Bear in mind that "extremism" is the _expected result_ of any reasonable
algorithm that you abuse like this. If you like X, the algorithm will focus
around X. If you like everything the algorithm suggests, you'll end up liking
a "bigger target", and it will start suggesting stuff yet further away from
your original starting point, until eventually you've "liked" everything. This
is deliberately engineering a scenario in which Facebook will feed one a set
of things that _all_ seem "extreme" on some metric or other, be it
"political", "pop culture insipid", or anything else, because they are all
"extremely" far away from your starting point.

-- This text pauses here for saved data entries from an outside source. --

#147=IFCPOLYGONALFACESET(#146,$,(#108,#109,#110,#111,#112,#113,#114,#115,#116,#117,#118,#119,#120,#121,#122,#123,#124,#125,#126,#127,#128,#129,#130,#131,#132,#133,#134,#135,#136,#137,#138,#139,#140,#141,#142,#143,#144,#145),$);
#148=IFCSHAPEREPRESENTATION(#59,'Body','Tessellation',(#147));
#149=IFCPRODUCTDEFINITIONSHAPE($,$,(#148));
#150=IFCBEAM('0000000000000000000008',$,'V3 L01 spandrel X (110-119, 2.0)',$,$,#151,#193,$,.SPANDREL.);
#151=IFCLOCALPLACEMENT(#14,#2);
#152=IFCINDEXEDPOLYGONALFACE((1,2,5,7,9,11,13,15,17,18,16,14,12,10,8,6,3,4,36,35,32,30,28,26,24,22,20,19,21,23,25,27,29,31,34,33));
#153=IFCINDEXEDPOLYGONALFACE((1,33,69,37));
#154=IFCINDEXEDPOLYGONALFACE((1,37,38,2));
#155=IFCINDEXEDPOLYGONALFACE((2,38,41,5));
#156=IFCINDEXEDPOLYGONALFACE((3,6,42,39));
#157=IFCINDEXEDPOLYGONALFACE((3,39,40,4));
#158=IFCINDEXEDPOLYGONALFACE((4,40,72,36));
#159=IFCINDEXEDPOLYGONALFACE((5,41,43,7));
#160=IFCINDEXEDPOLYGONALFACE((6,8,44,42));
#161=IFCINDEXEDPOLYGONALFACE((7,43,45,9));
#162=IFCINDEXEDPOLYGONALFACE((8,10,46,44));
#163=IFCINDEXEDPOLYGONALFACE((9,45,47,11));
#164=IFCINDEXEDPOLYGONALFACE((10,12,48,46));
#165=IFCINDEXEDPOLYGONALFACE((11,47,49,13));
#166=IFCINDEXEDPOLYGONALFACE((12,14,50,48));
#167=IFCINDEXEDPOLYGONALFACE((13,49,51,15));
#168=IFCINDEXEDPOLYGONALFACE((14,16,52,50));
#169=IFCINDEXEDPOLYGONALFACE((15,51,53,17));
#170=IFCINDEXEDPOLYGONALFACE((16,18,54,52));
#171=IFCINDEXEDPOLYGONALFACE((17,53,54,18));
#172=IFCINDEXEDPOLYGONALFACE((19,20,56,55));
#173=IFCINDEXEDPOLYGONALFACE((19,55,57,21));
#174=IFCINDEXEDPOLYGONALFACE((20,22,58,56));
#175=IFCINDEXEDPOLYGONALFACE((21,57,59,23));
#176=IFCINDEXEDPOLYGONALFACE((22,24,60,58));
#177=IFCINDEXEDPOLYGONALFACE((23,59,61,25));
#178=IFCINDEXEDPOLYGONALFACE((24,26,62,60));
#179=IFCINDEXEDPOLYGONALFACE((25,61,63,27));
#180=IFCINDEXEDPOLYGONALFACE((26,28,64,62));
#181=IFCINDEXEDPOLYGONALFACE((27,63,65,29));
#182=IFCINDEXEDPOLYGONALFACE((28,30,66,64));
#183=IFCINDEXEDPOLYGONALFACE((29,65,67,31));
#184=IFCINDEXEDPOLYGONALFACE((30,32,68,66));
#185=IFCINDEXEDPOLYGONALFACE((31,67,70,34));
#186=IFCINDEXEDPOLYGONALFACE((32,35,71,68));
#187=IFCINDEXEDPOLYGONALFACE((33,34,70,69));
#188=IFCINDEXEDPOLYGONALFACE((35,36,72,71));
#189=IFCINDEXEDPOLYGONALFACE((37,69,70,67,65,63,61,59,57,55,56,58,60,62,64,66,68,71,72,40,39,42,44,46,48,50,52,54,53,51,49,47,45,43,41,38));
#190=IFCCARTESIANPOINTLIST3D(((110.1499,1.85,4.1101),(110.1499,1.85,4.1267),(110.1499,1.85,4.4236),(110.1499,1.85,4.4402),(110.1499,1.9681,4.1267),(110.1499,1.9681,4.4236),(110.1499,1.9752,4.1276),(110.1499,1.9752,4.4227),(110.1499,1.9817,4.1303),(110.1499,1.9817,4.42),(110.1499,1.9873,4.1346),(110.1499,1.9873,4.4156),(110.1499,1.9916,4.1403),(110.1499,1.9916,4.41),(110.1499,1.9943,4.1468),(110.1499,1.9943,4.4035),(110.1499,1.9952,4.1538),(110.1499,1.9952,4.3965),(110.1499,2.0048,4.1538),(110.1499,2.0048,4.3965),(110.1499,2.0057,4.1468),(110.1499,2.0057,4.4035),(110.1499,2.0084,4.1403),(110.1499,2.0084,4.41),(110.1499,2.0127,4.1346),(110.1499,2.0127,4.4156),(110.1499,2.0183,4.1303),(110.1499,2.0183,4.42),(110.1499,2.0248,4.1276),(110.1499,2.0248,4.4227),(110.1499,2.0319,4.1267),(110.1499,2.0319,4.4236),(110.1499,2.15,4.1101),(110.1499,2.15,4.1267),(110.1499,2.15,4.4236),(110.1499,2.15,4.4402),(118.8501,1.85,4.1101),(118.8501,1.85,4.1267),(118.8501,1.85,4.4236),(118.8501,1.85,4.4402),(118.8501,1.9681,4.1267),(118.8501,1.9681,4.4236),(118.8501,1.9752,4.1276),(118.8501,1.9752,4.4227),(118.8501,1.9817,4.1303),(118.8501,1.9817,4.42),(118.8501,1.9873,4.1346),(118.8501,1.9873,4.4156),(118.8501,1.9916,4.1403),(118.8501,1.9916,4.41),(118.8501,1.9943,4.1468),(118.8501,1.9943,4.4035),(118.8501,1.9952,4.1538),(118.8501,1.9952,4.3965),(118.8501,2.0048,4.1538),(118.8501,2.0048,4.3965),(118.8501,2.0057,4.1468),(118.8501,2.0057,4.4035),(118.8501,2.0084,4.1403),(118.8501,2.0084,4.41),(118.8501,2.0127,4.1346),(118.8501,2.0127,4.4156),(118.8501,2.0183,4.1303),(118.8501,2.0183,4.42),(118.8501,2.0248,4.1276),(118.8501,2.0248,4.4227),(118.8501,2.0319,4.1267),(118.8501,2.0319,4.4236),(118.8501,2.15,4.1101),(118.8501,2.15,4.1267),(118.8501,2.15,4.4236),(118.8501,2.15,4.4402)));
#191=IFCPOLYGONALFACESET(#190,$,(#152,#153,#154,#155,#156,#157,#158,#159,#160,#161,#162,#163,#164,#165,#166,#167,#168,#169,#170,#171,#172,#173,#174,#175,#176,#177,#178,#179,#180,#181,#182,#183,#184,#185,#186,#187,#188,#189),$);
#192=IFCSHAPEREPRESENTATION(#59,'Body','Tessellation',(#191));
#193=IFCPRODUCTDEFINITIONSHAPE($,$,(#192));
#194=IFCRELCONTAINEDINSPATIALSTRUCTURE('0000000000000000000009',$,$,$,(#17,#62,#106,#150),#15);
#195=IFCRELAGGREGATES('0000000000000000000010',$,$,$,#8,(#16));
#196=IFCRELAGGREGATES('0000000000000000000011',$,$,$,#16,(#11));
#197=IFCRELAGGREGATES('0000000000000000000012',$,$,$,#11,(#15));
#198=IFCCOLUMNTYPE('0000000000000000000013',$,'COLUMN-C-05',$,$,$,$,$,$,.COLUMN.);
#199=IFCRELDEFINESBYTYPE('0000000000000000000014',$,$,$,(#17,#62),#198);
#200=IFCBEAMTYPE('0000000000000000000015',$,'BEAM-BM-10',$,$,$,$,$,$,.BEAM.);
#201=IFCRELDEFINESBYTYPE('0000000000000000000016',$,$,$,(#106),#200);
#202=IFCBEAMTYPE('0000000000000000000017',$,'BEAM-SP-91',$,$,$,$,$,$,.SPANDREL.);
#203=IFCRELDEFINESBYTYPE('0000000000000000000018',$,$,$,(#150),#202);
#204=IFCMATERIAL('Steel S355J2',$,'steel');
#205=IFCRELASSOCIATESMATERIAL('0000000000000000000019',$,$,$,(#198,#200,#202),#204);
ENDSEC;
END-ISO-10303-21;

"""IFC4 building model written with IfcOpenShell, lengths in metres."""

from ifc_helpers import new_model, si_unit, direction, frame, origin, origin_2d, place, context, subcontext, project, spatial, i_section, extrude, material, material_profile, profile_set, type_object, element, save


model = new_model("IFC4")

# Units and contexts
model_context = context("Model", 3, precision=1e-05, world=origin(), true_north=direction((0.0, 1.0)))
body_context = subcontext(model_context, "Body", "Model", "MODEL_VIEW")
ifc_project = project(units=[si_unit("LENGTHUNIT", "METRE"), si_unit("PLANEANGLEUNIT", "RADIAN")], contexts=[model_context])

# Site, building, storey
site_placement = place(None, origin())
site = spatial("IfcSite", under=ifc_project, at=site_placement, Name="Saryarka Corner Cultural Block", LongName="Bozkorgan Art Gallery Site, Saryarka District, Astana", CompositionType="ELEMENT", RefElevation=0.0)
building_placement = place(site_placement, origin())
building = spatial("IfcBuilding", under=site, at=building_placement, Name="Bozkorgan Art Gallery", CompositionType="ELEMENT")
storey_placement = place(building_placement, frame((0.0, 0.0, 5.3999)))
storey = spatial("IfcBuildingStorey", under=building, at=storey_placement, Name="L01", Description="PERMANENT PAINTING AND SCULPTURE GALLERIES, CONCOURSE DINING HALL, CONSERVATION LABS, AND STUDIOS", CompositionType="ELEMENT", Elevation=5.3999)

You are also engineering a scenario in which you are receiving "everything",
so you will end up experiencing this proportional to raw volume within the
segments of the interest graph that you've transitively explored. We can't
eliminate the possibility that he's missing large chunks of the graph in his
transitive exploration. A massive anime fan or somebody else big into niches
and staying away from politics who starts doing this may end up with a very
different experience. (In fact I'd suspect that it's decent odds that _why_
the author ended up with "extreme politics" in the first place is that he
probably had a pre-existing politics seed set of likes, which then "fuzzed"
into the full set of political views while not getting into niches like anime
or figurine collection.)

As a story it's interesting, but I'm not sure it reveals stuff about society
so much as it reveals a very fuzzy picture of the author.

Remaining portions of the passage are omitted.